LeetCode 211 Design Add and Search Words Data Structure

LeetCode

Design a data structure that supports adding new words and finding if a string matches any previously added string.

Implement the WordDictionary class:

WordDictionary() Initializes the object. void addWord(word) Adds word to the data structure, it can be matched later.
bool search(word) Returns true if there is any string in the data structure that matches word or false otherwise. word may contain dots '.' where dots can be matched with any letter.

Example:

Input
[“WordDictionary”,”addWord”,”addWord”,”addWord”,”search”,”search”,”search”,”search”]
[[],[“bad”],[“dad”],[“mad”],[“pad”],[“bad”],[“.ad”],[“b..”]]
Output
[null,null,null,null,false,true,true,true]

Explanation
WordDictionary wordDictionary = new WordDictionary();
wordDictionary.addWord(“bad”);
wordDictionary.addWord(“dad”);
wordDictionary.addWord(“mad”);
wordDictionary.search(“pad”); // return False
wordDictionary.search(“bad”); // return True
wordDictionary.search(“.ad”); // return True
wordDictionary.search(“b..”); // return True

Constraints: 1 <= word.length <= 500
word in addWord consists lower-case English letters. word in search consist of '.' or lower-case English letters.
* At most 50000 calls will be made to addWord and search.

题目大意：

设计一个数据结构支持加单词和查找单词。查找单词支持dot查询，表示配对任意字符

解题思路：

第一时间想到Trie，但难点在如果支持dot。一般Trie实现只支持单一单词查询，但是此题需要搜索所有可能节点。
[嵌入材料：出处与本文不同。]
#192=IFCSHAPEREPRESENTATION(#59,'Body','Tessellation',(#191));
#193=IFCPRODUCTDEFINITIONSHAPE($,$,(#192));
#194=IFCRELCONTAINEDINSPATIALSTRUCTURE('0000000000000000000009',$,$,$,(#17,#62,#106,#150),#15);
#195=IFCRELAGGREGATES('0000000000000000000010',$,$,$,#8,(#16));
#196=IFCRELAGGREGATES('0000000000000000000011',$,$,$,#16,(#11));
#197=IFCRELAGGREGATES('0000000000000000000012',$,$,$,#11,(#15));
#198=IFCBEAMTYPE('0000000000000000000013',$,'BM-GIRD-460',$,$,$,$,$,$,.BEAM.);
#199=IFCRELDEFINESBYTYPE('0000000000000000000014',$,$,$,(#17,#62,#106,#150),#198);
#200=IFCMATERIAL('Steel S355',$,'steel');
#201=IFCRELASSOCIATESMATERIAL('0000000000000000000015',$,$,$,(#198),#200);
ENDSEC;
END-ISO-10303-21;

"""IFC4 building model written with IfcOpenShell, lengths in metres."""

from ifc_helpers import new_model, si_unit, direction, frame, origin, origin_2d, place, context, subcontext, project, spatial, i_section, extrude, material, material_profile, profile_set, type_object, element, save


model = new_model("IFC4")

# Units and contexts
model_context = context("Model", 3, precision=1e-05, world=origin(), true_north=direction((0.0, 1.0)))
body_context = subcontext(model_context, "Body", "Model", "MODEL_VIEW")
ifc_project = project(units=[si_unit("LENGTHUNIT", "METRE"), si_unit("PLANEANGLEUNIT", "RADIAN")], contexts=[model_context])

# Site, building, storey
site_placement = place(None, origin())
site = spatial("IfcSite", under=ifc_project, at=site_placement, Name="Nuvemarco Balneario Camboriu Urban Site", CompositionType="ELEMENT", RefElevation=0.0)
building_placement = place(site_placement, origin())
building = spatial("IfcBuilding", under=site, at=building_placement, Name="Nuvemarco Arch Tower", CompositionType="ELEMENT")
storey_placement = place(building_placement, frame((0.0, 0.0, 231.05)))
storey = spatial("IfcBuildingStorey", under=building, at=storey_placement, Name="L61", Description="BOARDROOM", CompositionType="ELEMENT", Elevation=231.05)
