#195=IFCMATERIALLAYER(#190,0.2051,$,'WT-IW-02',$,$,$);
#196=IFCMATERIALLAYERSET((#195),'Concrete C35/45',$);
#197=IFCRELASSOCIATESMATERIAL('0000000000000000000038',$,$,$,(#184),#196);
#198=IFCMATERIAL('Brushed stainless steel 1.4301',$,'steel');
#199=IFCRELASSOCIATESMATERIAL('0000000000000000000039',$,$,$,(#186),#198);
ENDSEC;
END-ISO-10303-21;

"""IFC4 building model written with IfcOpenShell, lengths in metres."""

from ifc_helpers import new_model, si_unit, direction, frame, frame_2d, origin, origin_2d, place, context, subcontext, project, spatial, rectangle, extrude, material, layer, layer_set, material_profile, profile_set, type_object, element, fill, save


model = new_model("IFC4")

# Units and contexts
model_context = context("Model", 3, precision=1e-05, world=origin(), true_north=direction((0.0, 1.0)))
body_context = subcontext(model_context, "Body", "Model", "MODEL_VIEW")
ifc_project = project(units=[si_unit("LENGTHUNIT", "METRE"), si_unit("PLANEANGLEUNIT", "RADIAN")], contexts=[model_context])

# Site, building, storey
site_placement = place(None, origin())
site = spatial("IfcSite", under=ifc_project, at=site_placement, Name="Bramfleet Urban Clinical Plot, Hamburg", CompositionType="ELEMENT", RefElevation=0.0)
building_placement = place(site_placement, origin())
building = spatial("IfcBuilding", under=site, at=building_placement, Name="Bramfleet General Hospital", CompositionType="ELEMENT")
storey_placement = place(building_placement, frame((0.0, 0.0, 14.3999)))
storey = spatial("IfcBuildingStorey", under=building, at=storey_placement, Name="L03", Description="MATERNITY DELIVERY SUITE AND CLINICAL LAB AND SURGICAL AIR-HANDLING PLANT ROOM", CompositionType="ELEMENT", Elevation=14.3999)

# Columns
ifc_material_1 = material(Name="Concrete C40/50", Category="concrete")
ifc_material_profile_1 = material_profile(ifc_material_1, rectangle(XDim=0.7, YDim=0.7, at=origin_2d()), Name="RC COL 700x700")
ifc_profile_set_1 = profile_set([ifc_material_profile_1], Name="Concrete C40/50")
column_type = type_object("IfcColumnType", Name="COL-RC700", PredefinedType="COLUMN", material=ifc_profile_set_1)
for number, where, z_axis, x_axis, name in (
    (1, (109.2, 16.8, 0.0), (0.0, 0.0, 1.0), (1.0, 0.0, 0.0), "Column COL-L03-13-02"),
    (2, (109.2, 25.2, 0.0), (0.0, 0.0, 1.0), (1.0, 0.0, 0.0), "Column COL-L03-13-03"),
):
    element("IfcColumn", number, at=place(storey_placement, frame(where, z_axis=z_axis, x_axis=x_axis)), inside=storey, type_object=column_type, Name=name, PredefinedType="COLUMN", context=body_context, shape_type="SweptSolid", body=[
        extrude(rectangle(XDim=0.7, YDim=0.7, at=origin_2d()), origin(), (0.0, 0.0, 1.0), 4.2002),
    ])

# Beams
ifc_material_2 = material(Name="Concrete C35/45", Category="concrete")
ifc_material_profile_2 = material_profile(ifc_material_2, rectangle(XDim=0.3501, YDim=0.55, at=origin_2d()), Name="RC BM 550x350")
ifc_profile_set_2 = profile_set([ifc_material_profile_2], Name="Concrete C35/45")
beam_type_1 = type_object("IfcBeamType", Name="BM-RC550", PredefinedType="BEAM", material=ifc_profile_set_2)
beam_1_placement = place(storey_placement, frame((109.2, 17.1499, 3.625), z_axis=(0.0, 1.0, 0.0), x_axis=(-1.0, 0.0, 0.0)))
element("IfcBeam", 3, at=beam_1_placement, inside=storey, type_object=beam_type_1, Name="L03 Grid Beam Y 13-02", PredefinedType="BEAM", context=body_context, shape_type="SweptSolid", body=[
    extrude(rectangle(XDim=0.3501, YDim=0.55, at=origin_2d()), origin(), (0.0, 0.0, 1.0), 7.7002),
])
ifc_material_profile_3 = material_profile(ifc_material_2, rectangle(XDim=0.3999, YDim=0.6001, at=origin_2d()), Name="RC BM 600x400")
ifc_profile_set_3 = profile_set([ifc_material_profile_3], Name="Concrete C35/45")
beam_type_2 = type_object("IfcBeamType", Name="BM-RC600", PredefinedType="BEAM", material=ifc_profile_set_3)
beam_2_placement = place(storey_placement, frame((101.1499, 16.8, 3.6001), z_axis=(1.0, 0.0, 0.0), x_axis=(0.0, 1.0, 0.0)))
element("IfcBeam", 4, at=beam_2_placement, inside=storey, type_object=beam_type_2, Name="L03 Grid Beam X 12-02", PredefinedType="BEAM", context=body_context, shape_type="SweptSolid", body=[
所以要将search加入TrieNode参数且转成DFS

解题步骤：

N/A

注意事项：

1. search加入TrieNode参数且转成DFS
2. 终止条件第二个用TrieNode为空而不是用is_end

Python代码：

class WordDictionary(TestCases):

    def __init__(self):
        self.head = TrieNode()

    def addWord(self, word: str) -> None:
        it = self.head
        for i in range(len(word)):
            it = it.children[word[i]]
        it.is_end = True

    def search(self, word: str) -> bool:
        return self.search_one_node(word, self.head)

    def search_one_node(self, word, trie_node) -> bool:
        if not word and trie_node.is_end:
            return True
        if not word or not trie_node: # remember not trie_node
            return False
        if word[0] == '.':
            for child_node in trie_node.children.values():
                if self.search_one_node(word[1:], child_node):
                    return True
            return False
        if word[0] not in trie_node.children:
            return False
        return self.search_one_node(word[1:], trie_node.children[word[0]])

class TrieNode:

    def __init__(self):
        self.children = collections.defaultdict(TrieNode)  # {}
        self.is_end = False

算法分析：

search中不含dot时间复杂度为O(n), 含dot时间复杂度为O(26n)，空间复杂度O(1), n为搜索单词长度.